{x}
blog image

Customers Who Bought All Products

Table: Customer

+-------------+---------+
| Column Name | Type    |
+-------------+---------+
| customer_id | int     |
| product_key | int     |
+-------------+---------+
This table may contain duplicates rows. 
customer_id is not NULL.
product_key is a foreign key (reference column) to Product table.

 

Table: Product

+-------------+---------+
| Column Name | Type    |
+-------------+---------+
| product_key | int     |
+-------------+---------+
product_key is the primary key (column with unique values) for this table.

 

Write a solution to report the customer ids from the Customer table that bought all the products in the Product table.

Return the result table in any order.

The result format is in the following example.

 

Example 1:

Input: 
Customer table:
+-------------+-------------+
| customer_id | product_key |
+-------------+-------------+
| 1           | 5           |
| 2           | 6           |
| 3           | 5           |
| 3           | 6           |
| 1           | 6           |
+-------------+-------------+
Product table:
+-------------+
| product_key |
+-------------+
| 5           |
| 6           |
+-------------+
Output: 
+-------------+
| customer_id |
+-------------+
| 1           |
| 3           |
+-------------+
Explanation: 
The customers who bought all the products (5 and 6) are customers with IDs 1 and 3.

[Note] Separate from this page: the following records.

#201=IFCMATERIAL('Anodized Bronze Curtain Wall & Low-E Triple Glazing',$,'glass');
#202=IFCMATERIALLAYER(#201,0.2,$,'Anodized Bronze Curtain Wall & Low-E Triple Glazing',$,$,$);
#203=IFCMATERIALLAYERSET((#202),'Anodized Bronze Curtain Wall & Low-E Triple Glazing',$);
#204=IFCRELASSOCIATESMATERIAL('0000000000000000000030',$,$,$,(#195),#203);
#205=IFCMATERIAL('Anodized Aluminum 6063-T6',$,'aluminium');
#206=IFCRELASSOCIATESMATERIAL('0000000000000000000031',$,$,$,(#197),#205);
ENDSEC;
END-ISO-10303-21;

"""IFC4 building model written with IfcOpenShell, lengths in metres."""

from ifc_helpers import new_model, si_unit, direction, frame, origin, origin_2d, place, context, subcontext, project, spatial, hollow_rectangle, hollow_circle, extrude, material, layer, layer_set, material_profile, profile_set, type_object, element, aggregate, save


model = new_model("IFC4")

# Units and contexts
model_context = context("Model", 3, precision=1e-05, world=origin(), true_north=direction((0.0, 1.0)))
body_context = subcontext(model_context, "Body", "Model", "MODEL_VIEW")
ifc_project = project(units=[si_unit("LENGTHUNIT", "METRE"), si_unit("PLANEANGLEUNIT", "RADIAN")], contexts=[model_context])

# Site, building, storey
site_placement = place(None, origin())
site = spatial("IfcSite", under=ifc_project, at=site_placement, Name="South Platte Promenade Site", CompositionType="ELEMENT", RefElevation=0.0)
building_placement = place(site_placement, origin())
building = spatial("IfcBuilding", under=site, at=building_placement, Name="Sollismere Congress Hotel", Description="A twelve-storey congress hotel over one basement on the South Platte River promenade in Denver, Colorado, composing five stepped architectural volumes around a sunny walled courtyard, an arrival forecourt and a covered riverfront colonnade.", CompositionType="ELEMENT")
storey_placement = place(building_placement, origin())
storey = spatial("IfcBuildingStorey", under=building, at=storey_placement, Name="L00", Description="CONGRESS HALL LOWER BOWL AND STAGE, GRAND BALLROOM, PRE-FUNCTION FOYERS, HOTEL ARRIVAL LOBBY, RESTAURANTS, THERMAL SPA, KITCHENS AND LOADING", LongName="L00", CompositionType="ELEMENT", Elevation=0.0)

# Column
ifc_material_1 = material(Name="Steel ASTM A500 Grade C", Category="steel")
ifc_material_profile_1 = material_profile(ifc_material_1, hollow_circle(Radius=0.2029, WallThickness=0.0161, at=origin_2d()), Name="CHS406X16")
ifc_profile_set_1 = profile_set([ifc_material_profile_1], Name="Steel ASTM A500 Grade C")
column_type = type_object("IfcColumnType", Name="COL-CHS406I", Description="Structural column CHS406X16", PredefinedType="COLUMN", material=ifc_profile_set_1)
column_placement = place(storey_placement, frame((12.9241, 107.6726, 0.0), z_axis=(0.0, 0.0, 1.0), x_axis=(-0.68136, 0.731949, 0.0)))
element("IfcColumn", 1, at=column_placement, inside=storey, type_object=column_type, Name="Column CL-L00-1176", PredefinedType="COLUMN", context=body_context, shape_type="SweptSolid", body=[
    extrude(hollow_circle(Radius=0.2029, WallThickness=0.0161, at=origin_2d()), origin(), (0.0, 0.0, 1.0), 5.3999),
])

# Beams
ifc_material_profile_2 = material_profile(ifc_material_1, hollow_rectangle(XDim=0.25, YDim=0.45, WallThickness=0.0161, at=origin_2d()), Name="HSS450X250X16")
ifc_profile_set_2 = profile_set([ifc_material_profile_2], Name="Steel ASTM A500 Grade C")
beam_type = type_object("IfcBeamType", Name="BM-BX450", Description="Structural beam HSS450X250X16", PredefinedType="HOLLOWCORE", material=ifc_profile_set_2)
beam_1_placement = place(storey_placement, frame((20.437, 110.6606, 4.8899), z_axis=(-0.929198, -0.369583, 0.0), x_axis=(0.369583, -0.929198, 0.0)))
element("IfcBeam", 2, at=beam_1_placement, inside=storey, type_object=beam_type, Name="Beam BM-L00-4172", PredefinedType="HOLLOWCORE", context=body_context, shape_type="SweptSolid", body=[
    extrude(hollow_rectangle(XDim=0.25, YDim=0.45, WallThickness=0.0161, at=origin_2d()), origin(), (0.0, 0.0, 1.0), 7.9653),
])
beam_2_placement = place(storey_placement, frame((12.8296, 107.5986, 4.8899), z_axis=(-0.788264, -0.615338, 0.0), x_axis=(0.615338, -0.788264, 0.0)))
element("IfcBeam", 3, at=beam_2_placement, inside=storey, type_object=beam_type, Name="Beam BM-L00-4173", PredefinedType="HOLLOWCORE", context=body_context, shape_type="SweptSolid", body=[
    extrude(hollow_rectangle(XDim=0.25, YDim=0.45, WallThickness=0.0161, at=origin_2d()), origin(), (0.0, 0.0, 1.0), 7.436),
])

Solution Explanation: Finding Customers Who Bought All Products

The problem requires identifying customers who have purchased every product listed in the Product table. The solution leverages SQL's grouping and aggregation capabilities to achieve this efficiently.

Approach:

The core idea is to:

  1. Count distinct products per customer: Group the Customer table by customer_id and count the unique product_key values for each customer. This gives us the number of distinct products each customer bought.

  2. Count total distinct products: Determine the total number of distinct products available using a subquery on the Product table. This is the benchmark against which we compare each customer's purchases.

  3. Filter customers: Compare the count of distinct products bought by each customer (from step 1) with the total number of distinct products (from step 2). Only customers whose purchase count matches the total product count have bought all products and should be included in the result.

SQL Solution (MySQL):

SELECT customer_id
FROM Customer
GROUP BY 1
HAVING COUNT(DISTINCT product_key) = (SELECT COUNT(*) FROM Product);

Explanation:

  • SELECT customer_id: This selects the customer_id column to be included in the output.
  • FROM Customer: This specifies the Customer table as the source of data.
  • GROUP BY 1: This groups the rows by the first column in the SELECT list (customer_id), so we get counts of distinct products for each customer.
  • HAVING COUNT(DISTINCT product_key) = (SELECT COUNT(*) FROM Product): This is the crucial filtering step.
    • COUNT(DISTINCT product_key) counts the number of distinct products each customer purchased within their group.
    • (SELECT COUNT(*) FROM Product) is a subquery that calculates the total number of unique products in the Product table.
    • The HAVING clause filters the grouped results, keeping only groups (customers) where the number of distinct products they bought equals the total number of products.

Time Complexity Analysis:

The time complexity is dominated by the grouping and aggregation operations. In general, these operations have a time complexity of O(N log N) or O(N), where N is the number of rows in the Customer table, depending on the database engine's optimization strategies. The subquery to count products in the Product table is a separate operation with complexity proportional to the size of the Product table (let's call it M). The overall complexity would be O(max(N log N, M)). If the Product table is relatively small, the overall complexity is effectively O(N log N) or O(N).

Space Complexity Analysis:

The space complexity is determined by the intermediate data structures used during the grouping and aggregation. The space used will be proportional to the number of unique customers and distinct products, which is likely to be less than or equal to the size of the Customer table. Therefore, the space complexity is considered to be O(N) in the worst case. In practice, this will likely be less than O(N) as not all customers will have bought all the products.